An electron is accelerated by a 6.4 kV potential difference. The charge on an electron is 1.60218 × 10^−19 C and its mass is 9.10939 × 10^−31 kg. How strong a magnetic field must be experienced by the electron if its path is a circle of radius 5.1 cm?
Answer in units of T.
*** I tried usind B=(1/r)Sqrt(2mV/q) and I'm not sure what I am doing wrong.

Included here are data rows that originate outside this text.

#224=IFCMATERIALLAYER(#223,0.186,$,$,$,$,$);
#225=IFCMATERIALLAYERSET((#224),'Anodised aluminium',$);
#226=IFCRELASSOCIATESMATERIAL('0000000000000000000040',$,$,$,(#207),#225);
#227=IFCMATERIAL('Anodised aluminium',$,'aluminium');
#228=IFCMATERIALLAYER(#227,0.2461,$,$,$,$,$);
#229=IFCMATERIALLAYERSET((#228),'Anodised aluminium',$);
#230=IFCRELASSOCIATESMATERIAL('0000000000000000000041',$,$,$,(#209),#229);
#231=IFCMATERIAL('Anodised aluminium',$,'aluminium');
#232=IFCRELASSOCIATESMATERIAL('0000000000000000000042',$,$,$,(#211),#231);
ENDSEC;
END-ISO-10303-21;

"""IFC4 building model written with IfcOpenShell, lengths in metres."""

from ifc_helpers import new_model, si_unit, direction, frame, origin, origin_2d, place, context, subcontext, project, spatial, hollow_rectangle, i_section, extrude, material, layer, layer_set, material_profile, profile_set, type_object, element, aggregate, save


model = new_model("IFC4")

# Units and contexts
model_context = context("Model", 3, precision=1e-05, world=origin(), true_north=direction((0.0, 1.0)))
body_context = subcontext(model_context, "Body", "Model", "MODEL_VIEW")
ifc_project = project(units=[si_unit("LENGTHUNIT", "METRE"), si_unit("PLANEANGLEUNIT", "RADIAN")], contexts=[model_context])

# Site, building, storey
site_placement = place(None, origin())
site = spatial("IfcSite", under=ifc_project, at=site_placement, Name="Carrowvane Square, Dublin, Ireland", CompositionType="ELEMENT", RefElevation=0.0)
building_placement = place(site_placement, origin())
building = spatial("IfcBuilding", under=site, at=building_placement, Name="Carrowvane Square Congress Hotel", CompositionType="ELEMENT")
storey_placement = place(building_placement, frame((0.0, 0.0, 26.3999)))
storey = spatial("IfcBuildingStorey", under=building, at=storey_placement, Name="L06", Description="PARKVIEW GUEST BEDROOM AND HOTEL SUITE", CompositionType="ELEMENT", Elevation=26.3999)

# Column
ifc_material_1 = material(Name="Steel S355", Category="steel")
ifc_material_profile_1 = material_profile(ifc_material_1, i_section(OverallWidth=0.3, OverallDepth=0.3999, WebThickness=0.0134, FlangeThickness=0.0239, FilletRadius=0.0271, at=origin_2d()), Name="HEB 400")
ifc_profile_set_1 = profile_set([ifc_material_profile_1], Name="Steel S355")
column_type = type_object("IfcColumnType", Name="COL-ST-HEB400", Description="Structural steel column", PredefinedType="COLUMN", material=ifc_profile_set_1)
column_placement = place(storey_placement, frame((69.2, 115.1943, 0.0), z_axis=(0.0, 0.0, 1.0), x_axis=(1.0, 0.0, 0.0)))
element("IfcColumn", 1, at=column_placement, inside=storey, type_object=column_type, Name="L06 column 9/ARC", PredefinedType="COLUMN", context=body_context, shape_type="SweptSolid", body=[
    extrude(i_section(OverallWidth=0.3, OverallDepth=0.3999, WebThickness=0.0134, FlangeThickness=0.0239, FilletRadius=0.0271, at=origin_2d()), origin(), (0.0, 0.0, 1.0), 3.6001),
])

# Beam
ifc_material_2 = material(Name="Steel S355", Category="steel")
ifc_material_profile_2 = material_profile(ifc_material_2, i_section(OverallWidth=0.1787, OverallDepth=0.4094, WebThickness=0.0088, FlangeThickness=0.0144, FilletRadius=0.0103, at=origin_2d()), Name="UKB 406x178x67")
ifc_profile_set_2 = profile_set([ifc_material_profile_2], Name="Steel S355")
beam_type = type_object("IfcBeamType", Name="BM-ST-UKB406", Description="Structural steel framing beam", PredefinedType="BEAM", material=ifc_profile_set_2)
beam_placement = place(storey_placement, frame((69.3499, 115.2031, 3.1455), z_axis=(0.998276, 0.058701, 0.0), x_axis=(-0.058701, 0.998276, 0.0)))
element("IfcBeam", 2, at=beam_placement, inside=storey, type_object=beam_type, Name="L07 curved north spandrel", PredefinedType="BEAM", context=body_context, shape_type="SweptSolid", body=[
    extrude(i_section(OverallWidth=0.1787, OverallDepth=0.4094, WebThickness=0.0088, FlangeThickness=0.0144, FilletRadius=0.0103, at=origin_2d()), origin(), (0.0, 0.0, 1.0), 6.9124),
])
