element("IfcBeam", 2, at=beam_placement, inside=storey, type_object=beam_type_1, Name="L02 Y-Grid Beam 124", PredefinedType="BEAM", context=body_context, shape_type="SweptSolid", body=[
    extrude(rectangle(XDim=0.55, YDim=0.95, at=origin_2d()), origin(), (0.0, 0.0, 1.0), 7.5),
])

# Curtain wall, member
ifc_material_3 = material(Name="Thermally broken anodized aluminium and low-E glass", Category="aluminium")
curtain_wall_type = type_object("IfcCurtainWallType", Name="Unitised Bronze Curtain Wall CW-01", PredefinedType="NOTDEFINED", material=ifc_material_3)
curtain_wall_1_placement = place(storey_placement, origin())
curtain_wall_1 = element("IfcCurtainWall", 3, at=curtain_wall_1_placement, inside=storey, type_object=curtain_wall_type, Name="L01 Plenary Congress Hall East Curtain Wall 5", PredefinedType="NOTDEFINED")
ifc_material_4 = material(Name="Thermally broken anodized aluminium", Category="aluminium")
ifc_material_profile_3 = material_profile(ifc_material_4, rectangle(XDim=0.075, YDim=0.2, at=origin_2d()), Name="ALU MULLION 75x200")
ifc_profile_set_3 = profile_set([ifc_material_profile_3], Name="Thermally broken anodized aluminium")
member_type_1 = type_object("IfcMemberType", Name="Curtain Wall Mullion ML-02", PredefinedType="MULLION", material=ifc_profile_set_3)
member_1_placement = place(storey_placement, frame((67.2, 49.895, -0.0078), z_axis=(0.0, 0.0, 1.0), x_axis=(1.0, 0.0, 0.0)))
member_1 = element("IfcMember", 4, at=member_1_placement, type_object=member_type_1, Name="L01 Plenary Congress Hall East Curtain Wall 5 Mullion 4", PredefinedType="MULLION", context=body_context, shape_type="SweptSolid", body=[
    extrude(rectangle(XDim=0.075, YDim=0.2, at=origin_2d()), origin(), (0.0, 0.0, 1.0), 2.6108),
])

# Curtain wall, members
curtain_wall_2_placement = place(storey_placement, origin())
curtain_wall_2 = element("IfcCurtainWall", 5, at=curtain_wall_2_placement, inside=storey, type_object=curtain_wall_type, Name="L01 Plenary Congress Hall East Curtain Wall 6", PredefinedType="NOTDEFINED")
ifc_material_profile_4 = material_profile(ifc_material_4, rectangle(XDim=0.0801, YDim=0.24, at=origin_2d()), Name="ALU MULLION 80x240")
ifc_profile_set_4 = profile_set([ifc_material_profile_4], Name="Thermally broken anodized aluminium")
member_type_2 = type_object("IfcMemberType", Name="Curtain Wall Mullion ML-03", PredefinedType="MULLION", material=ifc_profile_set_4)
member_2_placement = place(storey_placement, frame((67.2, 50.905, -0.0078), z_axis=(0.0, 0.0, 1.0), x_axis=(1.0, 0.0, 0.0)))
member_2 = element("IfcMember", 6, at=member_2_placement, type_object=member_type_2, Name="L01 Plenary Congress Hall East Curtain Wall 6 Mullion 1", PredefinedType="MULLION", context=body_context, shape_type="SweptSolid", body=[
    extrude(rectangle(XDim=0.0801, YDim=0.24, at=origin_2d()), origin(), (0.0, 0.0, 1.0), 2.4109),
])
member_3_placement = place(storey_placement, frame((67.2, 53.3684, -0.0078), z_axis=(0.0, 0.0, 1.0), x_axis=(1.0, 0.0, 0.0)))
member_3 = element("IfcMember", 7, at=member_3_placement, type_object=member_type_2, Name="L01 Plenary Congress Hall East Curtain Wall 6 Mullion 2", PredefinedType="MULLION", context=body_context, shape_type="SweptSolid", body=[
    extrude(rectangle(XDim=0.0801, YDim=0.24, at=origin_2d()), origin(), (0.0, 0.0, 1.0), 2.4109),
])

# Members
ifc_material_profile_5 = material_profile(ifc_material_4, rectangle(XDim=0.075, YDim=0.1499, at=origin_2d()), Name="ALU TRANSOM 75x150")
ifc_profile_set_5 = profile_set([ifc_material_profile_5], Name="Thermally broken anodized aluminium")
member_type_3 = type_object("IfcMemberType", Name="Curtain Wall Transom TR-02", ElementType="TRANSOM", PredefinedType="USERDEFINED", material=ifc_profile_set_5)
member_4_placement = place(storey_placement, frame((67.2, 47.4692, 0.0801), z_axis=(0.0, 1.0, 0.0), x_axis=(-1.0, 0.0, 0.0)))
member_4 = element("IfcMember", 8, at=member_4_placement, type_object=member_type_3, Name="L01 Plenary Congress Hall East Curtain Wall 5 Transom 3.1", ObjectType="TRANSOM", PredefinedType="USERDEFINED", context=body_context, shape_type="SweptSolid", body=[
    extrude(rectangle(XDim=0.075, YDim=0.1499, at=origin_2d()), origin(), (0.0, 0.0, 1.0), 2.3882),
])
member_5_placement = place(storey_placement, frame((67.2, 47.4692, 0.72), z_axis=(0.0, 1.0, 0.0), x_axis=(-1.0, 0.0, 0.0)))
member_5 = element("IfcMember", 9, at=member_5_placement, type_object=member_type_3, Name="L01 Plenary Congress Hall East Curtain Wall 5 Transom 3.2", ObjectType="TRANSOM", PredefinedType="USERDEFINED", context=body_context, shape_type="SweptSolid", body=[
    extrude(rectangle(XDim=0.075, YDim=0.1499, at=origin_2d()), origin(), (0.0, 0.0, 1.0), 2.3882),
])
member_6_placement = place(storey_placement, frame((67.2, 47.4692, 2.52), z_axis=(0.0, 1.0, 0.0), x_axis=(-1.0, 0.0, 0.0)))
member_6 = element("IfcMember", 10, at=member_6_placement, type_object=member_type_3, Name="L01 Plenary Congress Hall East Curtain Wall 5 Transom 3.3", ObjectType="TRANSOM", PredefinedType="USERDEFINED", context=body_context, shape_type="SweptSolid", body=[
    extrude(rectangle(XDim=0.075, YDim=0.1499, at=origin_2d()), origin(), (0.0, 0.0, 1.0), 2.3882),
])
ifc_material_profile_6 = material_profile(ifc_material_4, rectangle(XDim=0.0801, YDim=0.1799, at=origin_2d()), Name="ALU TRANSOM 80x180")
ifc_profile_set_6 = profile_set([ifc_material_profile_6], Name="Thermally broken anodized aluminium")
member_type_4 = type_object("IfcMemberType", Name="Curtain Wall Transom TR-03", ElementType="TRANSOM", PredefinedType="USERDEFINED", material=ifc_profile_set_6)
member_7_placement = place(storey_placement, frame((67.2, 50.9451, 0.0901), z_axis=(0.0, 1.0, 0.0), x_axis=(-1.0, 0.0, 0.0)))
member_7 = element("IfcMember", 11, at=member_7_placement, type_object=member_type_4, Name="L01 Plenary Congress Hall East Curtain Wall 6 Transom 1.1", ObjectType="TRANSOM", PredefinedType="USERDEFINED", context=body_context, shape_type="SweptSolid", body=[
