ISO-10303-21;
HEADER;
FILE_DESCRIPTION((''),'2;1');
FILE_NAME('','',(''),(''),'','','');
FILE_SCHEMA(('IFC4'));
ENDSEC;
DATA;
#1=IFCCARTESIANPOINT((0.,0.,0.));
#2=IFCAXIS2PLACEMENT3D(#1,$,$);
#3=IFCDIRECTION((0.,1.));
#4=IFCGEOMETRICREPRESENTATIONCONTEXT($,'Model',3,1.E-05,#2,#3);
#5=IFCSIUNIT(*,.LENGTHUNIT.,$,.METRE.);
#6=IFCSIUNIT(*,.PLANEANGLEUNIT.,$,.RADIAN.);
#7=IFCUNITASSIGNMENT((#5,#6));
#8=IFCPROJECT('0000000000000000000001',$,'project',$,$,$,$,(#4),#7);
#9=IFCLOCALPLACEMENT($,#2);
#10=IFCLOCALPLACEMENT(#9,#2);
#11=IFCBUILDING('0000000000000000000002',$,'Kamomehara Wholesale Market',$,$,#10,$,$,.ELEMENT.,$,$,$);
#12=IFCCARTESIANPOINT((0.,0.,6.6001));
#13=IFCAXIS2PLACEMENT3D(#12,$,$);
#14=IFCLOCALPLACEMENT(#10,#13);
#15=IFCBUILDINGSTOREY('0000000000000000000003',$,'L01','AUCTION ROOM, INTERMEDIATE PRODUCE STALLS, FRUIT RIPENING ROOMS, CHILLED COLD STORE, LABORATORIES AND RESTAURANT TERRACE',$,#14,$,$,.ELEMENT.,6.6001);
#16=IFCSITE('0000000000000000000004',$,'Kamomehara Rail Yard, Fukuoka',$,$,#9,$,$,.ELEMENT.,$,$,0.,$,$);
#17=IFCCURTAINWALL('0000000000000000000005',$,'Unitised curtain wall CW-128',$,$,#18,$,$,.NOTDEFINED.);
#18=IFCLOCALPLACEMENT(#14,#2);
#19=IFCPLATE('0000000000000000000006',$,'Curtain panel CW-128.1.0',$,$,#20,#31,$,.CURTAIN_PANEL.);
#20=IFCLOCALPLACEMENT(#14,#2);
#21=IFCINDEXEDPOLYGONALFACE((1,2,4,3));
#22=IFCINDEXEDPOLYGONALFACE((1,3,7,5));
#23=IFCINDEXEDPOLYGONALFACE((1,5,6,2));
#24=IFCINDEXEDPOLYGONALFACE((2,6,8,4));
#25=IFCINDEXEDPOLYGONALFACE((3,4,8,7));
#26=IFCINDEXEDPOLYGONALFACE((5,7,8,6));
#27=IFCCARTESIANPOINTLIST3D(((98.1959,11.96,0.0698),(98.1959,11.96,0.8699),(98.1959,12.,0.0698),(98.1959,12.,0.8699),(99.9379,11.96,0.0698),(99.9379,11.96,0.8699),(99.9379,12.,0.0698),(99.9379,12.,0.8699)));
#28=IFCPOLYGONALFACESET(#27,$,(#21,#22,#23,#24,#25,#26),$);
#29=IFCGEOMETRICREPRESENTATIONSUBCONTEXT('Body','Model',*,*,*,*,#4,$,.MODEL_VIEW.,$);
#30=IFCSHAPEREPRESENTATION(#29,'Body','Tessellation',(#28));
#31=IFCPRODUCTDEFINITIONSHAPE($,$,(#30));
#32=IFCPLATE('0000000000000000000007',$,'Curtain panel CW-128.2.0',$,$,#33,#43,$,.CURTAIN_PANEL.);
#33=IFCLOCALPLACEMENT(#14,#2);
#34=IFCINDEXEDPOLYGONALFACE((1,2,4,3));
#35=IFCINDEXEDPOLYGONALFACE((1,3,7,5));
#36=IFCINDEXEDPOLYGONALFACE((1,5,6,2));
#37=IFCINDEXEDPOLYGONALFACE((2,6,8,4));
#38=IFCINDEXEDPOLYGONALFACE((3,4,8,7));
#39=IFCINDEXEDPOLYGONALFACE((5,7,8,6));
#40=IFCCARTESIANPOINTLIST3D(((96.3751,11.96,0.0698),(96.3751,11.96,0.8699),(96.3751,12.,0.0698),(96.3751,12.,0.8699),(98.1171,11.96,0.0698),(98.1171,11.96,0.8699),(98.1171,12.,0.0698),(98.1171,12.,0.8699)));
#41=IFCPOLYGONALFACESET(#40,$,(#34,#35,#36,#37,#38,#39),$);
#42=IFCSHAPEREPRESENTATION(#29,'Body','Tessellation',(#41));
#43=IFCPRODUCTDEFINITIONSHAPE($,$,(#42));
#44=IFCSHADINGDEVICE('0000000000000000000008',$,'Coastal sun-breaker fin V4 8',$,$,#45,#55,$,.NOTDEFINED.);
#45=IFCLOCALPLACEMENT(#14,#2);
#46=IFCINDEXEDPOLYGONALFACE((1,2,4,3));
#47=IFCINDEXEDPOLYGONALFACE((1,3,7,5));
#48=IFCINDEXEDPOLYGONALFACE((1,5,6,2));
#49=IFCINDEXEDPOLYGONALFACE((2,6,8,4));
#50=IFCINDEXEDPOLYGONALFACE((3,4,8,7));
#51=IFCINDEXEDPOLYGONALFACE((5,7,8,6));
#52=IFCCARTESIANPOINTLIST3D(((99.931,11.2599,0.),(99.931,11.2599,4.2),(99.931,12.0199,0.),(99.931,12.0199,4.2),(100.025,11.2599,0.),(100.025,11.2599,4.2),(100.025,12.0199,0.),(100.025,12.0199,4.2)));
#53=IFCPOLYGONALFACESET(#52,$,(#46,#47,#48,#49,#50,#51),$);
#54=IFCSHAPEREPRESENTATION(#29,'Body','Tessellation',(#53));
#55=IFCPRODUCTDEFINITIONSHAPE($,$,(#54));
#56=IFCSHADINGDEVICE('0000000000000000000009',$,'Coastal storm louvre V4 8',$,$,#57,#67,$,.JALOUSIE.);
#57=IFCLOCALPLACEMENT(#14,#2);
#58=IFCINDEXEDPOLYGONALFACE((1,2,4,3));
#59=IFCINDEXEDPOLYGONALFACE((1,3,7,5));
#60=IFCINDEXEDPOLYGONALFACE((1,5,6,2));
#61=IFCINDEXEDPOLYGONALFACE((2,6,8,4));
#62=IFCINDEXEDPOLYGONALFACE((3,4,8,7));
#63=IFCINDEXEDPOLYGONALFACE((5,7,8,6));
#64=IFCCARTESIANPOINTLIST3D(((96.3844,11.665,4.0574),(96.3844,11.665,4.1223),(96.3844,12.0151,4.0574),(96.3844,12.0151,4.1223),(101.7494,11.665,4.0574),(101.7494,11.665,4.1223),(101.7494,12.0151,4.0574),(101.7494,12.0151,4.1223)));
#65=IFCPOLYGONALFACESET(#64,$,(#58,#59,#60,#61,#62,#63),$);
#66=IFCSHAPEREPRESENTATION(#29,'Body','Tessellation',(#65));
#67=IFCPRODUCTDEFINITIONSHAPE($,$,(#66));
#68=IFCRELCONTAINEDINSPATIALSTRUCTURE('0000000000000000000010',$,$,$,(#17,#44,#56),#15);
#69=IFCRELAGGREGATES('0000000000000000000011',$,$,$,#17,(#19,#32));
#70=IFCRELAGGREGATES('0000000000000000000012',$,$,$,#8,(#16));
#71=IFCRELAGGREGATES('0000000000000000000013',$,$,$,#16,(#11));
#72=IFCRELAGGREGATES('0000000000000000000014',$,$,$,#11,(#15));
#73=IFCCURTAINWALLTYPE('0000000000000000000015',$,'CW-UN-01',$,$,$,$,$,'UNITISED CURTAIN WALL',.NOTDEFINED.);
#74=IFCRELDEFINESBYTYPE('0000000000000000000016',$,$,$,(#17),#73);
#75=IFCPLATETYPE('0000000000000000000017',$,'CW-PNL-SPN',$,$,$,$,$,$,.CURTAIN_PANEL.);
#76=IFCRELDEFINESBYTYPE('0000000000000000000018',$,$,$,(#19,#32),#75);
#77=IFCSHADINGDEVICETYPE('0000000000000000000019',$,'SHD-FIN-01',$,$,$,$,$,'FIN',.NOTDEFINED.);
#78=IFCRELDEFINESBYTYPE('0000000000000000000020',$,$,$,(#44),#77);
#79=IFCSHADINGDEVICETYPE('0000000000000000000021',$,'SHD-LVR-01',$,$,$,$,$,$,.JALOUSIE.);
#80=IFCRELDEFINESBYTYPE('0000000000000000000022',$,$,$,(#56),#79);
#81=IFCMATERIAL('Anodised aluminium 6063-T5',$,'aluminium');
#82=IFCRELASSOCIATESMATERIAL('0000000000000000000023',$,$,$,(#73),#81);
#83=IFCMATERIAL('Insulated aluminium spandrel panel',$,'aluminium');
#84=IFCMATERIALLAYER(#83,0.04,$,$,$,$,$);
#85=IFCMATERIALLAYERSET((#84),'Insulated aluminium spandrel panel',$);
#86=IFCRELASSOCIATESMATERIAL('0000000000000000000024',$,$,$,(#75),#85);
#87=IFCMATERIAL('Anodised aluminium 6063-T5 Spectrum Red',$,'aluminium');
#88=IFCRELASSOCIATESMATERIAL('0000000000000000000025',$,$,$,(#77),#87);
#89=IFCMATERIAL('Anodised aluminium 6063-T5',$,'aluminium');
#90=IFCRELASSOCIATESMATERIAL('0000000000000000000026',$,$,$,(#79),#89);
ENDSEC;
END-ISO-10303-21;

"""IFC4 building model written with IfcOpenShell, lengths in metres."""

from ifc_helpers import new_model, si_unit, direction, frame, origin, origin_2d, place, context, subcontext, project, spatial, rectangle, extrude, material, layer, layer_set, type_object, element, aggregate, save


model = new_model("IFC4")

# Units and contexts
model_context = context("Model", 3, precision=1e-05, world=origin(), true_north=direction((0.0, 1.0)))
body_context = subcontext(model_context, "Body", "Model", "MODEL_VIEW")
ifc_project = project(units=[si_unit("LENGTHUNIT", "METRE"), si_unit("PLANEANGLEUNIT", "RADIAN")], contexts=[model_context])

# Site, building, storey
site_placement = place(None, origin())
site = spatial("IfcSite", under=ifc_project, at=site_placement, Name="Kamomehara Rail Yard, Fukuoka", CompositionType="ELEMENT", RefElevation=0.0)
building_placement = place(site_placement, origin())
building = spatial("IfcBuilding", under=site, at=building_placement, Name="Kamomehara Wholesale Market", CompositionType="ELEMENT")
storey_placement = place(building_placement, frame((0.0, 0.0, 6.6001)))
storey = spatial("IfcBuildingStorey", under=building, at=storey_placement, Name="L01", Description="AUCTION ROOM, INTERMEDIATE PRODUCE STALLS, FRUIT RIPENING ROOMS, CHILLED COLD STORE, LABORATORIES AND RESTAURANT TERRACE", CompositionType="ELEMENT", Elevation=6.6001)

# Shared definitions
ifc_material_1 = material(Name="Anodised aluminium 6063-T5", Category="aluminium")
curtain_wall_type = type_object("IfcCurtainWallType", Name="CW-UN-01", ElementType="UNITISED CURTAIN WALL", PredefinedType="NOTDEFINED", material=ifc_material_1)

# Curtain wall
curtain_wall_1_placement = place(storey_placement, origin())
curtain_wall_1 = element("IfcCurtainWall", 1, at=curtain_wall_1_placement, inside=storey, type_object=curtain_wall_type, Name="Unitised curtain wall CW-128", PredefinedType="NOTDEFINED")

# Plates
ifc_material_2 = material(Name="Insulated aluminium spandrel panel", Category="aluminium")
ifc_layer_1 = layer(ifc_material_2, 0.04)
ifc_layer_set_1 = layer_set([ifc_layer_1], Name="Insulated aluminium spandrel panel")
plate_type_1 = type_object("IfcPlateType", Name="CW-PNL-SPN", PredefinedType="CURTAIN_PANEL", material=ifc_layer_set_1)
plate_1_placement = place(storey_placement, frame((99.0669, 11.98, 0.0698), z_axis=(0.0, 0.0, 1.0), x_axis=(-1.0, 0.0, 0.0)))
plate_1 = element("IfcPlate", 2, at=plate_1_placement, type_object=plate_type_1, Name="Curtain panel CW-128.1.0", PredefinedType="CURTAIN_PANEL", context=body_context, shape_type="SweptSolid", body=[
    extrude(rectangle(XDim=1.7419, YDim=0.04, at=origin_2d()), origin(), (0.0, 0.0, 1.0), 0.8),
])
plate_2_placement = place(storey_placement, frame((97.2461, 11.98, 0.0698), z_axis=(0.0, 0.0, 1.0), x_axis=(-1.0, 0.0, 0.0)))
plate_2 = element("IfcPlate", 3, at=plate_2_placement, type_object=plate_type_1, Name="Curtain panel CW-128.2.0", PredefinedType="CURTAIN_PANEL", context=body_context, shape_type="SweptSolid", body=[
    extrude(rectangle(XDim=1.7419, YDim=0.04, at=origin_2d()), origin(), (0.0, 0.0, 1.0), 0.8),
])
aggregate(curtain_wall_1, [plate_1, plate_2])

# Shading devices
ifc_material_3 = material(Name="Anodised aluminium 6063-T5 Spectrum Red", Category="aluminium")
shading_device_type_1 = type_object("IfcShadingDeviceType", Name="SHD-FIN-01", ElementType="FIN", PredefinedType="NOTDEFINED", material=ifc_material_3)
shading_device_1_placement = place(storey_placement, frame((99.978, 11.6399, 0.0), z_axis=(0.0, 0.0, 1.0), x_axis=(1.0, 0.0, 0.0)))
element("IfcShadingDevice", 4, at=shading_device_1_placement, inside=storey, type_object=shading_device_type_1, Name="Coastal sun-breaker fin V4 8", PredefinedType="NOTDEFINED", context=body_context, shape_type="SweptSolid", body=[
    extrude(rectangle(XDim=0.094, YDim=0.76, at=origin_2d()), origin(), (0.0, 0.0, 1.0), 4.2),
])
ifc_material_4 = material(Name="Anodised aluminium 6063-T5", Category="aluminium")
shading_device_type_2 = type_object("IfcShadingDeviceType", Name="SHD-LVR-01", PredefinedType="JALOUSIE", material=ifc_material_4)
shading_device_2_placement = place(storey_placement, frame((99.0669, 11.8401, 4.0574), z_axis=(0.0, 0.0, 1.0), x_axis=(1.0, 0.0, 0.0)))
element("IfcShadingDevice", 5, at=shading_device_2_placement, inside=storey, type_object=shading_device_type_2, Name="Coastal storm louvre V4 8", PredefinedType="JALOUSIE", context=body_context, shape_type="SweptSolid", body=[
    extrude(rectangle(XDim=5.365, YDim=0.3501, at=origin_2d()), origin(), (0.0, 0.0, 1.0), 0.0649),
])

save(model, "model.ifc")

centripetal force= magnetic force
m v^2/r=Bqv
B= m/q * v/r
you have to change the potential difference to velocity first
6.4E3*q=1/2 m v^2
or v=sqrt 2*6.4E3*2/m
1/r * sqrt (m*2*6.4E3/q^2)
So it appears you need to square q in the sqrt sign. Check my work.
What am I doing wrong? Sqrt (9.10939x10^-31)x(2)x(6400)/(1.60218x10^-19)sqrd =673966.5256
ans * (1/.051) = 13215029.91 Wrong answer. I have entered four wrong answers. I can not enter another wrong answer and pass this homework. pls help!
To find the strength of the magnetic field experienced by the electron, we can use the formula for the centripetal force acting on a charged particle moving in a magnetic field.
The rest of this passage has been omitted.